The human metabolome is very complex. Lipids alone have been estimated to have the potential to generate 9000–10,000 different molecular species (Yetukuri et al. 2008). With the gut microbiome carrying around 40 times the number of protein coding genes as the human genome, it is likely that the metabolome produced by the gut microflora will be substantially more complex. While SCFA are undoubtedly interesting and important metabolites, there are many other gut metabolites of microbe, host or dietary origin, both known and yet to be identified, that are capable of eliciting potent physiological effects. These include quorum sensing and virulence factors that regulate the composition of the surrounding microbiota as well as metabolites modulating host functions including the gut immune system (Nicholson et al. 2005, 2012).
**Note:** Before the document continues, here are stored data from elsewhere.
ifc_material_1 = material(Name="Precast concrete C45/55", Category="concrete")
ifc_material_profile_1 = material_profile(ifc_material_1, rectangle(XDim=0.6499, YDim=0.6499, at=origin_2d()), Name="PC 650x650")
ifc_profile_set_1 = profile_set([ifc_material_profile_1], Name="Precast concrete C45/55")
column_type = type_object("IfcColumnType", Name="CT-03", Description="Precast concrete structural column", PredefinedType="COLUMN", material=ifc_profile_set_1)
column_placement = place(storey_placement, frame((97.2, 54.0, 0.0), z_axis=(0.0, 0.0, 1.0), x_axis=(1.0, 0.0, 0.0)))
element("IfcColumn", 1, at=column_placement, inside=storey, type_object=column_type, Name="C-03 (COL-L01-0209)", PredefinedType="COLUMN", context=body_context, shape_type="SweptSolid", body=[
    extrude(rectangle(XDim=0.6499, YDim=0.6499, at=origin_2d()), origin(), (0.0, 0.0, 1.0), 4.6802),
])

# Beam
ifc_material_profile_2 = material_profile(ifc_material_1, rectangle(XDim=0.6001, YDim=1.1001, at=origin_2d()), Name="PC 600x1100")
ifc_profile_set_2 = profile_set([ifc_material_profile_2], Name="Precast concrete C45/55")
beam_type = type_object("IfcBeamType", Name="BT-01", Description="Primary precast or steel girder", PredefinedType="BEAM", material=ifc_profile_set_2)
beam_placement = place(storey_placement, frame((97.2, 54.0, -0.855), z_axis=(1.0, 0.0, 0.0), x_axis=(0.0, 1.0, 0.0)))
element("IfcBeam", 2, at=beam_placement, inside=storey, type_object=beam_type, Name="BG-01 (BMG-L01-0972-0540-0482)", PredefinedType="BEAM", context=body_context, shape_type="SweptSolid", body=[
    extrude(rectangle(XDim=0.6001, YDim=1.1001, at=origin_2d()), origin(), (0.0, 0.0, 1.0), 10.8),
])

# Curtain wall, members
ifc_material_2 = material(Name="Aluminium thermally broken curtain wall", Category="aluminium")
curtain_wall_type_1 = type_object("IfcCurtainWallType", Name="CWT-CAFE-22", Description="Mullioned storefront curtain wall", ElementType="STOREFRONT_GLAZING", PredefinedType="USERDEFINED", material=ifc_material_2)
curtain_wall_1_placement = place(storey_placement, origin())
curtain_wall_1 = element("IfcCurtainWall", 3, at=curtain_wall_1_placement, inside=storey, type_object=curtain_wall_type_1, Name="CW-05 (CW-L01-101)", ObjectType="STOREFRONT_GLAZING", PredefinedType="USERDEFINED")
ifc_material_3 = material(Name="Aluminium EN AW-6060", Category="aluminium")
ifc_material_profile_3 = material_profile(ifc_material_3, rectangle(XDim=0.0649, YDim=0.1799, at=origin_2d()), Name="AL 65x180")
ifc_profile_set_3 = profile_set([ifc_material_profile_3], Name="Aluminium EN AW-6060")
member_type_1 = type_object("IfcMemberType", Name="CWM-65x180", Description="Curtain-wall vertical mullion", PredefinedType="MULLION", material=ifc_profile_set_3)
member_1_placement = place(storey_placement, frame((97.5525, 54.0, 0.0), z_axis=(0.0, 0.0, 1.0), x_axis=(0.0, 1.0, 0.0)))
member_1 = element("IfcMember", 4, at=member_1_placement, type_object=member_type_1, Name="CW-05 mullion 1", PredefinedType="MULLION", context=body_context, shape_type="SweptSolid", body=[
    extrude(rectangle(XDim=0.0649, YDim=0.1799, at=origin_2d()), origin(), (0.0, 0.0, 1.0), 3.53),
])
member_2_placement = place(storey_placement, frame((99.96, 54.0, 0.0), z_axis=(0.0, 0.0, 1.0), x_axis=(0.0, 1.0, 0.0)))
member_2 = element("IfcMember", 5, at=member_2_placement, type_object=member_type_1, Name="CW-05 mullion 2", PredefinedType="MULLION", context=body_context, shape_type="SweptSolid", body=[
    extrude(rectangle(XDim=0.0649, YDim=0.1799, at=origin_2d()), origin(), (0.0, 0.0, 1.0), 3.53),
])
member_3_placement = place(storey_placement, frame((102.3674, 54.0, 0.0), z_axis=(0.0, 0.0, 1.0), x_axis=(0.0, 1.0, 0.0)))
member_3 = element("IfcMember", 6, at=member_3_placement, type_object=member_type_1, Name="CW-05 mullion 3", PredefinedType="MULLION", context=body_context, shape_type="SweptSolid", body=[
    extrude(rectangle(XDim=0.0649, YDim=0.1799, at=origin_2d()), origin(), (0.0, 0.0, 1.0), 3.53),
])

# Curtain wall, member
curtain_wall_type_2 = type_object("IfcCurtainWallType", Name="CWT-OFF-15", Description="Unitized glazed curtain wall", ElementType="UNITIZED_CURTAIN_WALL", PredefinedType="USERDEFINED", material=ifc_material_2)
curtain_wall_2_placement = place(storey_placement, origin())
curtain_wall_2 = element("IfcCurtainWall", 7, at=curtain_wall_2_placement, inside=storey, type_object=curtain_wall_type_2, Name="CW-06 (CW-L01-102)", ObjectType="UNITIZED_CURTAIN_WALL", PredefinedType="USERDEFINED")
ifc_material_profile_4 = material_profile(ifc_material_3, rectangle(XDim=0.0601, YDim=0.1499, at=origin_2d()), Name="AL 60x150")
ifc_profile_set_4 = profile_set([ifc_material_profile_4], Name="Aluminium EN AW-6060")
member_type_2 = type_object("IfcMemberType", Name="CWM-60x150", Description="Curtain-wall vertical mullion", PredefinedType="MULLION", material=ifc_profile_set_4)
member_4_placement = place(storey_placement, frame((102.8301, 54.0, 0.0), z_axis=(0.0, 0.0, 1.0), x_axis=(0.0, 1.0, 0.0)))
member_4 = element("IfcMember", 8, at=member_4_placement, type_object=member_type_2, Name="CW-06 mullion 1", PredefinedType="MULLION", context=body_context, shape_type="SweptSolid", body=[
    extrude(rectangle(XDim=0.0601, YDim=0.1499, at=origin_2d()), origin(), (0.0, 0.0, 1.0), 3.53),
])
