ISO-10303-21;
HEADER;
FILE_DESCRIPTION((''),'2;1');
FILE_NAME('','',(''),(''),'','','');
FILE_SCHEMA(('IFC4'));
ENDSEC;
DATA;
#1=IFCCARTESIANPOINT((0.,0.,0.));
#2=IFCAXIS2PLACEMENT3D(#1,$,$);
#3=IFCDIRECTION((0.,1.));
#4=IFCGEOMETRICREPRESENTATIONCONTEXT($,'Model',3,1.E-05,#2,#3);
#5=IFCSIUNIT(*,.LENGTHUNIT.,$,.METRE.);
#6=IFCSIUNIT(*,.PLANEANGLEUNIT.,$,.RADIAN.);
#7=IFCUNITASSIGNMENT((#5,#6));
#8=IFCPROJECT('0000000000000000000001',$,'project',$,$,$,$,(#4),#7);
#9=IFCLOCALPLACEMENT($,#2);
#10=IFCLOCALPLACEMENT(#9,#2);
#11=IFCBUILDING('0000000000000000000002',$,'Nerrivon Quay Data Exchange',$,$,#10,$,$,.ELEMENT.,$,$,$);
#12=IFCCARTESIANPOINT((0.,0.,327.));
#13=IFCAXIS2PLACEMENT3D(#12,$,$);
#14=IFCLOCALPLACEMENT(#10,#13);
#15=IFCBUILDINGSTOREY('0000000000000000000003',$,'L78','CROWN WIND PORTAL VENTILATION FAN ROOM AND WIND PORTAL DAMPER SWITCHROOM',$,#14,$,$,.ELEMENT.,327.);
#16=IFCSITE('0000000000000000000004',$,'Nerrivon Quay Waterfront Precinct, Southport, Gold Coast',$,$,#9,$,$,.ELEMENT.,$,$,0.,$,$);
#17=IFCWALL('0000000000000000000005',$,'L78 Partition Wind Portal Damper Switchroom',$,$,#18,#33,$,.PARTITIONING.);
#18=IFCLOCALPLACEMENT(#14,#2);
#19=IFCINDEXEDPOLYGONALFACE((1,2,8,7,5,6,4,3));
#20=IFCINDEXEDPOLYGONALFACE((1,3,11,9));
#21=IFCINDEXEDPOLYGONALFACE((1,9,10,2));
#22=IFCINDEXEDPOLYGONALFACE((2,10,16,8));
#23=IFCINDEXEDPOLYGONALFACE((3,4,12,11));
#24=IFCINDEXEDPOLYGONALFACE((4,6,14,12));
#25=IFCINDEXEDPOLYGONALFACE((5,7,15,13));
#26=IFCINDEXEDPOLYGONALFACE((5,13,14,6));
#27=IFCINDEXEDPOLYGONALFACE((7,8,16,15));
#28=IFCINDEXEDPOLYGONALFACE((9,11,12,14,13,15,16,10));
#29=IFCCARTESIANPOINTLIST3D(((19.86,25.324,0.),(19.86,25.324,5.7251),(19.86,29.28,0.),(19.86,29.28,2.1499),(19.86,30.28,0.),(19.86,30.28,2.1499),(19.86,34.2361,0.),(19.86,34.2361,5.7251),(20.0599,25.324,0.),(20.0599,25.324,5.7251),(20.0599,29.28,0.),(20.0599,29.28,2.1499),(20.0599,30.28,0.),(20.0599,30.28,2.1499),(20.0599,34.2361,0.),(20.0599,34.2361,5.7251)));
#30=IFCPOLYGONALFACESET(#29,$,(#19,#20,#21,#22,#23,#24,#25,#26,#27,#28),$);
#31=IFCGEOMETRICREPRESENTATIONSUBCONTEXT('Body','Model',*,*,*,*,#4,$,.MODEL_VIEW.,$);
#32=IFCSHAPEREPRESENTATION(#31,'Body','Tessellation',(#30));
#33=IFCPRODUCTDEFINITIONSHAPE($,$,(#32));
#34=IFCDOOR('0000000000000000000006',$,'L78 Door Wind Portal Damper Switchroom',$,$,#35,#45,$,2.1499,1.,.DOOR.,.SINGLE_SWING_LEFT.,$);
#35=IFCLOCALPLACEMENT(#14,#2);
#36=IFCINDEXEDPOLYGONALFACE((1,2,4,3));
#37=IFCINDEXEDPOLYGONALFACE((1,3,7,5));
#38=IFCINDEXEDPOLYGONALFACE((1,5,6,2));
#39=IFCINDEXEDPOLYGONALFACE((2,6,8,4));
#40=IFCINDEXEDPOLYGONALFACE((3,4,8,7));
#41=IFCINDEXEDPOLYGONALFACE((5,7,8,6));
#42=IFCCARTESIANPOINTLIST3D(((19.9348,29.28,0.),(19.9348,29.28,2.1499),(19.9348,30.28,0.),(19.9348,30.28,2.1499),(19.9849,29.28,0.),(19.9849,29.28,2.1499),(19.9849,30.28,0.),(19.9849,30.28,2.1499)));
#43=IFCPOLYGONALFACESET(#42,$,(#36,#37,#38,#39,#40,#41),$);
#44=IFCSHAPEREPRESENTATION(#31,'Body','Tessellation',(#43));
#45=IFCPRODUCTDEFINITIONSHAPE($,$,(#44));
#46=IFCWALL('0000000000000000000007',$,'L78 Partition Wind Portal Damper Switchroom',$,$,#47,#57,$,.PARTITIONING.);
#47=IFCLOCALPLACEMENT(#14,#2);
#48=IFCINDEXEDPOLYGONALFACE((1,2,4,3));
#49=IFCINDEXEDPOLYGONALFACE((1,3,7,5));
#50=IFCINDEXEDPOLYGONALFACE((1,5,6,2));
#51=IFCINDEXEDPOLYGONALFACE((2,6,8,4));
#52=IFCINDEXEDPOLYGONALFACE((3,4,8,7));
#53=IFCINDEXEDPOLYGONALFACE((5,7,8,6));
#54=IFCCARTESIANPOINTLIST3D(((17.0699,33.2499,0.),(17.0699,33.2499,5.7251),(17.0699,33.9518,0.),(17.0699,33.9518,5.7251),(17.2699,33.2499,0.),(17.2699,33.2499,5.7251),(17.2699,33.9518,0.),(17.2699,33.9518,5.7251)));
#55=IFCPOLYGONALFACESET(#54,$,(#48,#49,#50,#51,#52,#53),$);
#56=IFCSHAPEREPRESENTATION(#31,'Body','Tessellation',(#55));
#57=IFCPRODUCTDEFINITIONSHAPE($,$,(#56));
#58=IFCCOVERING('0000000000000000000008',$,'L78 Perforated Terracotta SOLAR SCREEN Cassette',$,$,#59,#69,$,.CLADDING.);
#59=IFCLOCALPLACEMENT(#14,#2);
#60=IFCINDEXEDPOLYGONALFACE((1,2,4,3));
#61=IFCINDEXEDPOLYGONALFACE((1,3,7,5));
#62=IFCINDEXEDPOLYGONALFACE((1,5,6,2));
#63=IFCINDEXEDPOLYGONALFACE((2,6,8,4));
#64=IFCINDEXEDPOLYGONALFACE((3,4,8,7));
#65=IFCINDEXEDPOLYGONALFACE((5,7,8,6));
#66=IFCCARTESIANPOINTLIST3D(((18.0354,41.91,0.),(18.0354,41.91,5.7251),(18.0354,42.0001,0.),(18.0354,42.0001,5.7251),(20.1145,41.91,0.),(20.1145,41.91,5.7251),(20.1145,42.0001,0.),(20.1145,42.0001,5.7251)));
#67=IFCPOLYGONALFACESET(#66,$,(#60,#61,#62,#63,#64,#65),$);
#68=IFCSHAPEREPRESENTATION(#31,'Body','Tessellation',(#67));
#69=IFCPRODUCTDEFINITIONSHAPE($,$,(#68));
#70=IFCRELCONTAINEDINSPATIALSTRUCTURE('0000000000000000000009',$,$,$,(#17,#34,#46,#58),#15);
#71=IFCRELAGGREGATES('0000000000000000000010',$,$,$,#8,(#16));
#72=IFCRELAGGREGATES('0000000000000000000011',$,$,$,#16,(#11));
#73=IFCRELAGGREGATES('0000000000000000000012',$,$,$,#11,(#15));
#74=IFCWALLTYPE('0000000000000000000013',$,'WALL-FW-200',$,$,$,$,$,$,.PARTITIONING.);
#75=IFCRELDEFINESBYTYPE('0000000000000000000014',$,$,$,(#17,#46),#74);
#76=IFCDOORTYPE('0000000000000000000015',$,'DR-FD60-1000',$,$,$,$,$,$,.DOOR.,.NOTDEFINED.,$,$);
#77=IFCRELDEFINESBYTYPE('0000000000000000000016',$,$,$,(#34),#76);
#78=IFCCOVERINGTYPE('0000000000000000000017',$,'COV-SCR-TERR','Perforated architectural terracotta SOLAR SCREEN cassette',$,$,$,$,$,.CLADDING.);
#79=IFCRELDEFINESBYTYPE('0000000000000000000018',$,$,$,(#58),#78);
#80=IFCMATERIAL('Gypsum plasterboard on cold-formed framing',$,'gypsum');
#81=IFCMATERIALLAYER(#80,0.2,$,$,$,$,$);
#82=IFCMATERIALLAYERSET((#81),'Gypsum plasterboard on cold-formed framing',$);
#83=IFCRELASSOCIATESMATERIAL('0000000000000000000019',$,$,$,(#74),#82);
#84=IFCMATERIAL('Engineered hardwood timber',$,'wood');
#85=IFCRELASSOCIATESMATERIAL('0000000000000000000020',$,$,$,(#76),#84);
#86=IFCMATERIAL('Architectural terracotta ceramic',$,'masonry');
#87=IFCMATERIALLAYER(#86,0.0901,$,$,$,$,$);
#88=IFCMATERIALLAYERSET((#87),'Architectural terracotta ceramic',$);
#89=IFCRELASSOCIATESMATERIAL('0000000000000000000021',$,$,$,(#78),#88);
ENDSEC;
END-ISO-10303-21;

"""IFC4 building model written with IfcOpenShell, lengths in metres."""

from ifc_helpers import new_model, si_unit, direction, frame, frame_2d, origin, origin_2d, place, context, subcontext, project, spatial, rectangle, extrude, material, layer, layer_set, type_object, element, fill, save


model = new_model("IFC4")

# Units and contexts
model_context = context("Model", 3, precision=1e-05, world=origin(), true_north=direction((0.0, 1.0)))
body_context = subcontext(model_context, "Body", "Model", "MODEL_VIEW")
ifc_project = project(units=[si_unit("LENGTHUNIT", "METRE"), si_unit("PLANEANGLEUNIT", "RADIAN")], contexts=[model_context])

# Site, building, storey
site_placement = place(None, origin())
site = spatial("IfcSite", under=ifc_project, at=site_placement, Name="Nerrivon Quay Waterfront Precinct, Southport, Gold Coast", CompositionType="ELEMENT", RefElevation=0.0)
building_placement = place(site_placement, origin())
building = spatial("IfcBuilding", under=site, at=building_placement, Name="Nerrivon Quay Data Exchange", CompositionType="ELEMENT")
storey_placement = place(building_placement, frame((0.0, 0.0, 327.0)))
storey = spatial("IfcBuildingStorey", under=building, at=storey_placement, Name="L78", Description="CROWN WIND PORTAL VENTILATION FAN ROOM AND WIND PORTAL DAMPER SWITCHROOM", CompositionType="ELEMENT", Elevation=327.0)

# Shared definitions
ifc_material_1 = material(Name="Gypsum plasterboard on cold-formed framing", Category="gypsum")
ifc_layer_1 = layer(ifc_material_1, 0.2)
ifc_layer_set_1 = layer_set([ifc_layer_1], Name="Gypsum plasterboard on cold-formed framing")
wall_type_1 = type_object("IfcWallType", Name="WALL-FW-200", PredefinedType="PARTITIONING", material=ifc_layer_set_1)

# Wall, opening, door
wall_1_placement = place(storey_placement, frame((19.96, 34.2361, 0.0), z_axis=(0.0, 0.0, 1.0), x_axis=(0.0, -1.0, 0.0)))
wall_1 = element("IfcWall", 1, at=wall_1_placement, inside=storey, type_object=wall_type_1, Name="L78 Partition Wind Portal Damper Switchroom", PredefinedType="PARTITIONING", context=body_context, shape_type="SweptSolid", body=[
    extrude(rectangle(XDim=8.9121, YDim=0.2, at=frame_2d((4.4561, 0.0))), origin(), (0.0, 0.0, 1.0), 5.7251),
])
opening_1_placement = place(wall_1_placement, frame((3.9561, 0.0, 0.0)))
opening_1 = element("IfcOpeningElement", 2, at=opening_1_placement, cuts=wall_1, PredefinedType="OPENING", context=body_context, shape_type="SweptSolid", body=[
    extrude(rectangle(XDim=1.0, YDim=2.1499, at=frame_2d((0.5, 1.075))), frame((0.0, 0.1099, 0.0), z_axis=(0.0, -1.0, 0.0), x_axis=(1.0, 0.0, 0.0)), (0.0, 0.0, 1.0), 0.22),
])
ifc_material_2 = material(Name="Engineered hardwood timber", Category="wood")
door_type_1 = type_object("IfcDoorType", Name="DR-FD60-1000", OperationType="NOTDEFINED", PredefinedType="DOOR", material=ifc_material_2)
door_1_placement = place(opening_1_placement, origin())
door_1 = element("IfcDoor", 3, at=door_1_placement, inside=storey, type_object=door_type_1, Name="L78 Door Wind Portal Damper Switchroom", OperationType="SINGLE_SWING_LEFT", OverallHeight=2.1499, OverallWidth=1.0, PredefinedType="DOOR", context=body_context, shape_type="SweptSolid", body=[
    extrude(rectangle(XDim=1.0, YDim=2.1499, at=frame_2d((0.5, 1.075))), frame((0.0, 0.0249, 0.0), z_axis=(0.0, -1.0, 0.0), x_axis=(1.0, 0.0, 0.0)), (0.0, 0.0, 1.0), 0.05),
])
fill(opening_1, door_1)

# Wall
wall_2_placement = place(storey_placement, frame((17.1699, 33.9519, 0.0), z_axis=(0.0, 0.0, 1.0), x_axis=(0.0, -1.0, 0.0)))
element("IfcWall", 4, at=wall_2_placement, inside=storey, type_object=wall_type_1, Name="L78 Partition Wind Portal Damper Switchroom", PredefinedType="PARTITIONING", context=body_context, shape_type="SweptSolid", body=[
    extrude(rectangle(XDim=0.7019, YDim=0.2, at=frame_2d((0.3511, 0.0))), origin(), (0.0, 0.0, 1.0), 5.7251),
])

# Covering
ifc_material_3 = material(Name="Architectural terracotta ceramic", Category="masonry")
ifc_layer_2 = layer(ifc_material_3, 0.0901)
ifc_layer_set_2 = layer_set([ifc_layer_2], Name="Architectural terracotta ceramic")
covering_type = type_object("IfcCoveringType", Name="COV-SCR-TERR", Description="Perforated architectural terracotta SOLAR SCREEN cassette", PredefinedType="CLADDING", material=ifc_layer_set_2)
covering_placement = place(storey_placement, frame((19.075, 41.9551, 0.0), z_axis=(0.0, 0.0, 1.0), x_axis=(1.0, 0.0, 0.0)))
element("IfcCovering", 5, at=covering_placement, inside=storey, type_object=covering_type, Name="L78 Perforated Terracotta SOLAR SCREEN Cassette", PredefinedType="CLADDING", context=body_context, shape_type="SweptSolid", body=[
    extrude(rectangle(XDim=2.0791, YDim=0.0901, at=origin_2d()), origin(), (0.0, 0.0, 1.0), 5.7251),
])

save(model, "model.ifc")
The challenge will be to bring together our growing understanding of factors affecting the gut microbiome and the extent and variation in the gut metabolome with knowledge of the associated impacts on host physiology to develop predictive personalized approaches to health management and chronic disease prevention. But there remains much to be done. Expanding our knowledge of the gut microbiome and its metabolic potential will be important. Only some 10 % of the currently sequenced open reading frames in the microbiome are recognized as encoding proteins with an assignable or predicted structural or enzymatic function. Further our understanding of the metabolome is in its infancy while attribution of the physiological impacts of metabolites continues to be assessed on a candidate by candidate basis (Martin et al. 2007). While there is much important work to be done in the expansion of these individual catalogues (genes, their function; metabolites and their impact on physiology) there is now a real need to bring these areas closer together. With the increasing use of high resolution spectroscopy methods to analyse metabolite profiles of microbial origin, opportunities now exist to statistically integrate large and complex metabolic and metagenomic data sets, using informatics to reveal pathways and putative functional relationships previously inaccessible. However, validation of these proposed relationships will be crucial. In this regard, the development of improved in vitro fermentation systems that more accurately represent the processes occurring in the gut digesta and the availability of gut organoid culture systems that accurately recapitulate biological responses of the gut mucosa to bioactive metabolites are providing an exciting prospect of a medium throughput screening of these in silico predictions en route to more classical animal and human substantiation of the strongest candidates. While we are only in the early stages of this new, data-driven revolution, if it lives up to its promise then the path to a more detailed understanding of the gut, its metabolites and their impact on human health becomes clearer and the promise of translating this knowledge to help inform the personalization of health care, a tangible and exciting prospect.